The present application is described with reference to flowchart illustrations and/or block diagrams of methods, apparatus (systems), and computer program products according to embodiments of the application. It will be understood that each flow and/or block of the flow diagrams and/or block diagrams, and combinations of flows and/or blocks in the flow diagrams and/or block diagrams, can be implemented by computer program instructions.

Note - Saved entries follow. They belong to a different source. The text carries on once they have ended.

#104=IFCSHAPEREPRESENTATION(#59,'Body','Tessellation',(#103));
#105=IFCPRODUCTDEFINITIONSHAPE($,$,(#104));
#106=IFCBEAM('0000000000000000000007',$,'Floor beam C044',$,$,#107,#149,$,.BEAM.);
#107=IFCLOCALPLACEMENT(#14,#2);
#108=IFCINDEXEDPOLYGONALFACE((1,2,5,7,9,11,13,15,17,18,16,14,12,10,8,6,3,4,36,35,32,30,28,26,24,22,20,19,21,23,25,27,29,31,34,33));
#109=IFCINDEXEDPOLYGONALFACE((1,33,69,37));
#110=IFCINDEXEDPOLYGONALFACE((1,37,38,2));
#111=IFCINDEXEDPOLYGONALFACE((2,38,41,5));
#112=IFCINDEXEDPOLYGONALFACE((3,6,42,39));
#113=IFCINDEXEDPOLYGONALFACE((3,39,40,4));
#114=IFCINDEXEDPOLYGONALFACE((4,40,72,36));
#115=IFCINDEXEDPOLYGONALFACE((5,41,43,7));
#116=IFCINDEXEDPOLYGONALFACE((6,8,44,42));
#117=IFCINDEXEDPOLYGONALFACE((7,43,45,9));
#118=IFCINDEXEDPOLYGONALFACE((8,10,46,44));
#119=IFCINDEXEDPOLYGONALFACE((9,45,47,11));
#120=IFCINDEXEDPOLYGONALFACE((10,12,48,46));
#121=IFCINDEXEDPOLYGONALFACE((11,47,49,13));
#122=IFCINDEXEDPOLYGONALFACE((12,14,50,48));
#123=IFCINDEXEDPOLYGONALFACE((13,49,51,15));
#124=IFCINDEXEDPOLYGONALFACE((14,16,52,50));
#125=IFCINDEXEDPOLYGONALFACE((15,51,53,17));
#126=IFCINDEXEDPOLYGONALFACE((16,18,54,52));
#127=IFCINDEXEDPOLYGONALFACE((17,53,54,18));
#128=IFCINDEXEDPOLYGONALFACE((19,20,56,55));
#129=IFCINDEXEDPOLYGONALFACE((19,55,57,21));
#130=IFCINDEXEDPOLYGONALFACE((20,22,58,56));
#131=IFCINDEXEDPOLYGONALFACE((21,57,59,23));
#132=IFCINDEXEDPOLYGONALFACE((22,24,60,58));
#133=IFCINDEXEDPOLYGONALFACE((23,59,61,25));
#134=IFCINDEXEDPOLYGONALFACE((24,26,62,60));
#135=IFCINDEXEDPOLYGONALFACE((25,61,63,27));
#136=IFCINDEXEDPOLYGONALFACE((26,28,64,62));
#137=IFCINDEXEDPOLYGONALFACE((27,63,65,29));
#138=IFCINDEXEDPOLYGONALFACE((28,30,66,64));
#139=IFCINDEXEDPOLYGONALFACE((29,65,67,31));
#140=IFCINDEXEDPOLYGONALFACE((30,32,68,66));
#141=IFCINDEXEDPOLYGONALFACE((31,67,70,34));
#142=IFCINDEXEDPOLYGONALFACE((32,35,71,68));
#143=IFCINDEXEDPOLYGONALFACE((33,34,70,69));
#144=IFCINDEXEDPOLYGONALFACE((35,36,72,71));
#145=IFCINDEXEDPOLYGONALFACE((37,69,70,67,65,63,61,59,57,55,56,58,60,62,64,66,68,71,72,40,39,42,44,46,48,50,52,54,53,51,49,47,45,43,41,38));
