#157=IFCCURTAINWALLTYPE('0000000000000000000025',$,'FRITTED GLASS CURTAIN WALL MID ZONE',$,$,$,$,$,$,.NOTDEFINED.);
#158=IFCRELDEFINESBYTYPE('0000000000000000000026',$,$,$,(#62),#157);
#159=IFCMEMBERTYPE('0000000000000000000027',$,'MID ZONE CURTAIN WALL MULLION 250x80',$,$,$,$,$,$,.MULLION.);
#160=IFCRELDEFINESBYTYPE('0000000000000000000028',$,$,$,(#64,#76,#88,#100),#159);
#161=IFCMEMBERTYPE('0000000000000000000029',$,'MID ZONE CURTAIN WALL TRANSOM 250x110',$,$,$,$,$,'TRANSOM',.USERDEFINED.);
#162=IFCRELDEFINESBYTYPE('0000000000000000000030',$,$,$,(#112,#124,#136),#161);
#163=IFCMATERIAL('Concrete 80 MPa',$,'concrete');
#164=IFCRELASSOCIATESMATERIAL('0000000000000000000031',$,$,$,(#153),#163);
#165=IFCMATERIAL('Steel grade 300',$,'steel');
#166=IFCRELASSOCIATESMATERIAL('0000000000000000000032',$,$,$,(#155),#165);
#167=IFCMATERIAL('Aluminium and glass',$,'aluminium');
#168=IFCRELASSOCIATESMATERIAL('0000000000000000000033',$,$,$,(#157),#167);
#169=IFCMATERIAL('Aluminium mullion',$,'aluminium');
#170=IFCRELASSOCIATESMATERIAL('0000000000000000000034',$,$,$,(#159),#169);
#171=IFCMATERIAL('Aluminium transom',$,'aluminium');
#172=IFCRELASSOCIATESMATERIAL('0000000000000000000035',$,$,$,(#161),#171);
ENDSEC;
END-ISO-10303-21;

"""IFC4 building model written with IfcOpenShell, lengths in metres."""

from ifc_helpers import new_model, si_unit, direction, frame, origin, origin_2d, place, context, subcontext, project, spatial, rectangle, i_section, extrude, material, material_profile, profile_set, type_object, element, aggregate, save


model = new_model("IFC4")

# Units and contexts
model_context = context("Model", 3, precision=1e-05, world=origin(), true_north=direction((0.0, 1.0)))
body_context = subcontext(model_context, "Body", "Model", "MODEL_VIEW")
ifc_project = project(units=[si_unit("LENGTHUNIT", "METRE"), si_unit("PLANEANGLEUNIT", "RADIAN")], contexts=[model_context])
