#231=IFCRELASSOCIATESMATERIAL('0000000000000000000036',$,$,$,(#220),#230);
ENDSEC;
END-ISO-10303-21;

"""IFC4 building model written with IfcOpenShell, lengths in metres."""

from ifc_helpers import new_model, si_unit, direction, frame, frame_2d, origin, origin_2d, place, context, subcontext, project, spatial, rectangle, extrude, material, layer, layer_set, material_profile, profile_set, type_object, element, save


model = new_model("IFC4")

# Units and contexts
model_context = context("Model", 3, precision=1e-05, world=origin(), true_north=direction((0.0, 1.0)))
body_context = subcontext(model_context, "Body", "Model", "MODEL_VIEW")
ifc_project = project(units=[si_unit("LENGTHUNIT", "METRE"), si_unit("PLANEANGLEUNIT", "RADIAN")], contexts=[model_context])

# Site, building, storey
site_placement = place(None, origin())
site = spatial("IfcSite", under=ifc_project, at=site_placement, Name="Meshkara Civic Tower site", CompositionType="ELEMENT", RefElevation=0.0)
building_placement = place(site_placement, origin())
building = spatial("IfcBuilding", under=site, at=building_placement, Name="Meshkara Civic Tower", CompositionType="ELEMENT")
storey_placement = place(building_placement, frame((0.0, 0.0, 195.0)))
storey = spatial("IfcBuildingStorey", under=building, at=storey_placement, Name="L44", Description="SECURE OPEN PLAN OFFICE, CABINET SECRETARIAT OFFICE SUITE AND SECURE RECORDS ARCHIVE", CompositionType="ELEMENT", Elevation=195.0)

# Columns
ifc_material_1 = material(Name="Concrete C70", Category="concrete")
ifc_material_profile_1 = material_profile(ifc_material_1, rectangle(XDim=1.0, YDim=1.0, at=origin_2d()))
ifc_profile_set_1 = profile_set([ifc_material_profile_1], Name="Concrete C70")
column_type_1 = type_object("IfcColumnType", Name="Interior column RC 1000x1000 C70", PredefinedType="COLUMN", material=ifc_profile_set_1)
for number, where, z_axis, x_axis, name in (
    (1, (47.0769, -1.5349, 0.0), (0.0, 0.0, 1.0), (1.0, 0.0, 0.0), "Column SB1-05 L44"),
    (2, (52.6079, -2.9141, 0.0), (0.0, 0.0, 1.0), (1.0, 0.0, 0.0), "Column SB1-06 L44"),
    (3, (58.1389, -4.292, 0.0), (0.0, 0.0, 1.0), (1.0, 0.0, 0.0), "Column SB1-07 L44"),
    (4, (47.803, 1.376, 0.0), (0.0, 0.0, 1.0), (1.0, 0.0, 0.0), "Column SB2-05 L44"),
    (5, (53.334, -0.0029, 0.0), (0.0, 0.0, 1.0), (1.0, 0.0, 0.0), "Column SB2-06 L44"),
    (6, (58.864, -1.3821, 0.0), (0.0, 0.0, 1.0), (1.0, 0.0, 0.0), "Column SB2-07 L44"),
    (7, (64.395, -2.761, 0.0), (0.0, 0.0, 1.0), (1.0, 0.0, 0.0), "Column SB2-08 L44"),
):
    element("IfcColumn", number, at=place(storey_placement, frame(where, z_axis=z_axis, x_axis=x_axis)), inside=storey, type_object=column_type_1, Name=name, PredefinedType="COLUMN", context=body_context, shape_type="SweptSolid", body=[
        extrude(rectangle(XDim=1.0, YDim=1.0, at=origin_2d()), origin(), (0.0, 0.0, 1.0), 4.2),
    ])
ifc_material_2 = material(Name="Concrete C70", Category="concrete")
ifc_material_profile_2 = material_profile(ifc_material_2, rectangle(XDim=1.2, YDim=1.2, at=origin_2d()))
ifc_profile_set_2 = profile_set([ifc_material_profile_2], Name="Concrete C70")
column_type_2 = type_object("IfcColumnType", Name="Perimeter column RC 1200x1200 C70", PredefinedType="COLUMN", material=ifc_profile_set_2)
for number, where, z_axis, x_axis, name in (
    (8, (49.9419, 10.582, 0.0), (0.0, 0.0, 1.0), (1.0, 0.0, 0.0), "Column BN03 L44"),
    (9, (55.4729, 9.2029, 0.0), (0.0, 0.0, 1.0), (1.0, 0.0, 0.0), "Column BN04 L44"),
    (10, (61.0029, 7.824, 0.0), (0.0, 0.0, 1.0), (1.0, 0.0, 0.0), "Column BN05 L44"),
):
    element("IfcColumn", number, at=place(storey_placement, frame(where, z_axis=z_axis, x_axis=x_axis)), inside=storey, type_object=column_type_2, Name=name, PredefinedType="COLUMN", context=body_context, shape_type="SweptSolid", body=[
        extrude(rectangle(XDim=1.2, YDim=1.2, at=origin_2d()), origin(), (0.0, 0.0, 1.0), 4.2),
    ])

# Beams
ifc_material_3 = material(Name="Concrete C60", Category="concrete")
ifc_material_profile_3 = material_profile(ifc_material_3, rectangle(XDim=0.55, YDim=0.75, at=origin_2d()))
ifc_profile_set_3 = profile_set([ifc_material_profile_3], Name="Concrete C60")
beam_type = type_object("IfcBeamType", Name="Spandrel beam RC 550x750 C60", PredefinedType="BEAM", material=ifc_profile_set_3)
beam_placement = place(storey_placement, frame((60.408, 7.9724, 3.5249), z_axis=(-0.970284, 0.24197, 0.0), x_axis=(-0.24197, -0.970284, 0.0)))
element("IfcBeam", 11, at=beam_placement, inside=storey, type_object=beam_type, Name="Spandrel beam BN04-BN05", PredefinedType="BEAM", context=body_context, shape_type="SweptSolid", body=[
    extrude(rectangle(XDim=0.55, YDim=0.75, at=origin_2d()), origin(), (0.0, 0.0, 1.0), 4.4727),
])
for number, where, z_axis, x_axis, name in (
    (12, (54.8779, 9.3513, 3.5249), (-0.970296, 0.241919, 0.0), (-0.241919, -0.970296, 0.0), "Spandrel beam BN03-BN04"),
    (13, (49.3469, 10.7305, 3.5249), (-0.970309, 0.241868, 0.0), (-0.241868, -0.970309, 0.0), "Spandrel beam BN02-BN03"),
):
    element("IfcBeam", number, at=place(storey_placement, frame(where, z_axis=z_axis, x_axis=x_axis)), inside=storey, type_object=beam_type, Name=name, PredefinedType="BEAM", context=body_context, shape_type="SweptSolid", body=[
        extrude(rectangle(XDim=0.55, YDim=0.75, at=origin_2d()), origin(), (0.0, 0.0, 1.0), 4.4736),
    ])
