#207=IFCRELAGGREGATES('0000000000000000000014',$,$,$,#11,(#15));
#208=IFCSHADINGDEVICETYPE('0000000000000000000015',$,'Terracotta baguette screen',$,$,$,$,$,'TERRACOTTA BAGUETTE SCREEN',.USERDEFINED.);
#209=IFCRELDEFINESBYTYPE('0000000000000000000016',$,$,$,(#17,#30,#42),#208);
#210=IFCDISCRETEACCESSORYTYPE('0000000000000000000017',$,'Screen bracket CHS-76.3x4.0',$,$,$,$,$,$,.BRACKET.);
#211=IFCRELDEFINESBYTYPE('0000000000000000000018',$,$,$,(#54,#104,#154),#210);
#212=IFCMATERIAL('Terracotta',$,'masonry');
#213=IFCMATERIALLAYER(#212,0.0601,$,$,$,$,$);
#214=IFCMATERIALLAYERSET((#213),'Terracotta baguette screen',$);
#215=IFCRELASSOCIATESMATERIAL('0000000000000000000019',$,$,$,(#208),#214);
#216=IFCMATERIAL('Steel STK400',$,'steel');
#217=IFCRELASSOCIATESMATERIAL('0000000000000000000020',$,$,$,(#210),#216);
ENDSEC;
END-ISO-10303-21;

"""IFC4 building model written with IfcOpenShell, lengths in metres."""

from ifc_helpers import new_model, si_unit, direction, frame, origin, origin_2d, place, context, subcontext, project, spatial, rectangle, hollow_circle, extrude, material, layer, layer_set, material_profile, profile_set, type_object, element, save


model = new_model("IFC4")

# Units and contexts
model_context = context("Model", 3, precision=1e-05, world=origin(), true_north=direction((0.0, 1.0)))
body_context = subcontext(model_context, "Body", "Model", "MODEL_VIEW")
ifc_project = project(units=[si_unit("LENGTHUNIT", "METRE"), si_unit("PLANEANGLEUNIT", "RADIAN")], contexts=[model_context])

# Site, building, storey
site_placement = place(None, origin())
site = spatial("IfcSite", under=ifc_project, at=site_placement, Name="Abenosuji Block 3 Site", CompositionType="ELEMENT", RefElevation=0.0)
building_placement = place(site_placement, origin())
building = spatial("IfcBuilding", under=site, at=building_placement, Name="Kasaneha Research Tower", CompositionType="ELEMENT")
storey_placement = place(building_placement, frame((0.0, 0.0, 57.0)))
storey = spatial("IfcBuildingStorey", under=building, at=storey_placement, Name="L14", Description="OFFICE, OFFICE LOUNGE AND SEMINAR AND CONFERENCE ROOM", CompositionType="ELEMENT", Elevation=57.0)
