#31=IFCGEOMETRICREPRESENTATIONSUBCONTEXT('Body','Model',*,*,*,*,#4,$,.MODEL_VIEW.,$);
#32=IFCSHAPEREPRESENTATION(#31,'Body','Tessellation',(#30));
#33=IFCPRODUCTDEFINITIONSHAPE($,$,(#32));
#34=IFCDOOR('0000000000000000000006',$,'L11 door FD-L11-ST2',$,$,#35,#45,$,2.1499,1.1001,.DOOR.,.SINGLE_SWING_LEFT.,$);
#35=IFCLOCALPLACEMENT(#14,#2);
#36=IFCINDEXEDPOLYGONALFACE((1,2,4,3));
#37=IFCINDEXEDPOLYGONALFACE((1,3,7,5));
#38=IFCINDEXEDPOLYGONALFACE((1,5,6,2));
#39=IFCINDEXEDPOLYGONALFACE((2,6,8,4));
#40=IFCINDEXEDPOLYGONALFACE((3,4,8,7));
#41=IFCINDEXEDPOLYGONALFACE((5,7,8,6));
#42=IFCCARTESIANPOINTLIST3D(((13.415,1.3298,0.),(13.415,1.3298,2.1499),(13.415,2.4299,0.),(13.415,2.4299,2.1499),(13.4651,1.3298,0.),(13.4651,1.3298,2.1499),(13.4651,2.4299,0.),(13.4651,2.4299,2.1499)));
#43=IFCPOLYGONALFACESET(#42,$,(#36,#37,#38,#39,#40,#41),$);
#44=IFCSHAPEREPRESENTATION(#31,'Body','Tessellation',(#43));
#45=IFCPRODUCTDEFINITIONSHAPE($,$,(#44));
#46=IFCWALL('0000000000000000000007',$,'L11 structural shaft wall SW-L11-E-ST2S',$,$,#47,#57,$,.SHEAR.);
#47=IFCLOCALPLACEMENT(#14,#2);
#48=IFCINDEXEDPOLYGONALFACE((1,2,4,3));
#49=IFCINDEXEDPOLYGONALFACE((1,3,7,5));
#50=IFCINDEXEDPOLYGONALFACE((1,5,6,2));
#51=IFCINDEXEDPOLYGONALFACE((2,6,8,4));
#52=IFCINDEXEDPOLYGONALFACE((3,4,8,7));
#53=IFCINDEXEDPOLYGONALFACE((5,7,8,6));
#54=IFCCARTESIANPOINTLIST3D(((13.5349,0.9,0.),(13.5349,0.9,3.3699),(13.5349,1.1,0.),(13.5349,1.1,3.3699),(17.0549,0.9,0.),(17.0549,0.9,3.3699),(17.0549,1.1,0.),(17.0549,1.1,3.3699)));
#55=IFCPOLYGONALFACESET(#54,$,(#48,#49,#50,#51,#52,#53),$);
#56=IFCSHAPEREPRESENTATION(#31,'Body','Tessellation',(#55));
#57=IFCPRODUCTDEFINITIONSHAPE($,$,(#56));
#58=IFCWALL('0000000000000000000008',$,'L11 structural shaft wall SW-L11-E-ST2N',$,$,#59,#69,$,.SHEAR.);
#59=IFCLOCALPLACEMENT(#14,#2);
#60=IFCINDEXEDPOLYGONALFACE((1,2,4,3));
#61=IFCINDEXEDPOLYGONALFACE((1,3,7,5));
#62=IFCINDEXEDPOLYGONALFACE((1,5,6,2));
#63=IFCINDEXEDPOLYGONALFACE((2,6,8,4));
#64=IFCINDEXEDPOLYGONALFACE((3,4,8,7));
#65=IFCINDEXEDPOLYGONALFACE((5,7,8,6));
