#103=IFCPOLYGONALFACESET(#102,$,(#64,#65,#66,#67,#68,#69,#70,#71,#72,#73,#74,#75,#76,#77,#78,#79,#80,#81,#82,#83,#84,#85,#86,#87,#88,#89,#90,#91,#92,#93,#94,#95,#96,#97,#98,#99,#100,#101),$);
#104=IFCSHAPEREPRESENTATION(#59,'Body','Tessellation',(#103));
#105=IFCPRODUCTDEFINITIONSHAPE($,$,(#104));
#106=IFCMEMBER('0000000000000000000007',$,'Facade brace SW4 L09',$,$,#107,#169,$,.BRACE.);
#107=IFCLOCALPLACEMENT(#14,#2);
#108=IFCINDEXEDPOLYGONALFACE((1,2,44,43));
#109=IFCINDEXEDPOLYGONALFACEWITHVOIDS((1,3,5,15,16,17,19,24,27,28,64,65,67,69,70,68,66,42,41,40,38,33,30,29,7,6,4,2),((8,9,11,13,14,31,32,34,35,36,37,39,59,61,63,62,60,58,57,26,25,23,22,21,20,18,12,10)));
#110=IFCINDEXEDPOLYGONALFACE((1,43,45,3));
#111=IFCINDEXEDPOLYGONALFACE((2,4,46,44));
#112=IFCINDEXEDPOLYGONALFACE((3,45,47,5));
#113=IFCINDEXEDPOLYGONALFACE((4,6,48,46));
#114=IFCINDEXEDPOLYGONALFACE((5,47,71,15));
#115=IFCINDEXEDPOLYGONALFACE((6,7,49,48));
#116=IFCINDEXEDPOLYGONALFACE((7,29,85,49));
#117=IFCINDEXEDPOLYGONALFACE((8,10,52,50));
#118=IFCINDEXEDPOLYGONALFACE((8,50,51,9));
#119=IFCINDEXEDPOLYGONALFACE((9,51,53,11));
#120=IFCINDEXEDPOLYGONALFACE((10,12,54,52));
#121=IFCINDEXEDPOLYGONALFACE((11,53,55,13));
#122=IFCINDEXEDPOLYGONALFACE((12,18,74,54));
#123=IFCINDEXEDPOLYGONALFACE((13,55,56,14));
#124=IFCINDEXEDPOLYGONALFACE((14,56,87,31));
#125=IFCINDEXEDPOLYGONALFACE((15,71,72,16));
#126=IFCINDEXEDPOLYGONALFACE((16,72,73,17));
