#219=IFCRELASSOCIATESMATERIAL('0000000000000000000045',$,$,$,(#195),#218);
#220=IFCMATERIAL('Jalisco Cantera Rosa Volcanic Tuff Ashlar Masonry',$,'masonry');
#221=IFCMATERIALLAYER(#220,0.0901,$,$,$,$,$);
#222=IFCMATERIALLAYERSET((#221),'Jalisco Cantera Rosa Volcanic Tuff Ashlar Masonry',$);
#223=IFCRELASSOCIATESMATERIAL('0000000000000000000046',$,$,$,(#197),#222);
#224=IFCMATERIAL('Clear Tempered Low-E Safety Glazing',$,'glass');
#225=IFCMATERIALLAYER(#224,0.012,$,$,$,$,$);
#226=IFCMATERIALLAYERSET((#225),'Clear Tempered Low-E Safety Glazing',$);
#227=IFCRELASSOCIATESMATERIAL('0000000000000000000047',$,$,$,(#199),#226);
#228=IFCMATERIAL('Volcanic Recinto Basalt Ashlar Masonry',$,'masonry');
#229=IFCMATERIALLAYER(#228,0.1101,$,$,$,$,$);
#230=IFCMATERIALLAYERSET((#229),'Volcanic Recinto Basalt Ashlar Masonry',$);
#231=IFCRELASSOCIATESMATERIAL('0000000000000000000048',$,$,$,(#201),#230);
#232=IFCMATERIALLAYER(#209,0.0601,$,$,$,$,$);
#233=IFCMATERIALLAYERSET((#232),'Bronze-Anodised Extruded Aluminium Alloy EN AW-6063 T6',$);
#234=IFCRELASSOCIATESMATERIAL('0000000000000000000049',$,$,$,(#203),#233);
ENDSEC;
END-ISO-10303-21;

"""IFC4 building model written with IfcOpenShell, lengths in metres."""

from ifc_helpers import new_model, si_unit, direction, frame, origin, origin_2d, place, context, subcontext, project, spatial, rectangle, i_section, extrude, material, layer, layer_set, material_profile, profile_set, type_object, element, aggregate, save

These computer program instructions may be provided to a processor of a general purpose computer, special purpose computer, embedded processor, or other programmable data processing apparatus to produce a machine, such that the instructions, which execute via the processor of the computer or other programmable data processing apparatus, create means for implementing the functions specified in the flowchart flow or flows and/or block diagram block or blocks.
These computer program instructions may also be stored in a computer-readable memory that can direct a computer or other programmable data processing apparatus to function in a particular manner, such that the instructions stored in the computer-readable memory produce an article of manufacture including instruction means which implement the function specified in the flowchart flow or flows and/or block diagram block or blocks.
These computer program instructions may also be loaded onto a computer or other programmable data processing apparatus to cause a series of operational steps to be performed on the computer or other programmable apparatus to produce a computer implemented process such that the instructions which execute on the computer or other programmable apparatus provide steps for implementing the functions specified in the flowchart flow or flows and/or block diagram block or blocks.
The foregoing is directed to preferred embodiments of the present invention, other and further embodiments of the invention may be devised without departing from the basic scope thereof, and the scope thereof is determined by the claims that follow. However, any simple modification, equivalent change and modification of the above embodiments according to the technical essence of the present invention are within the protection scope of the technical solution of the present invention.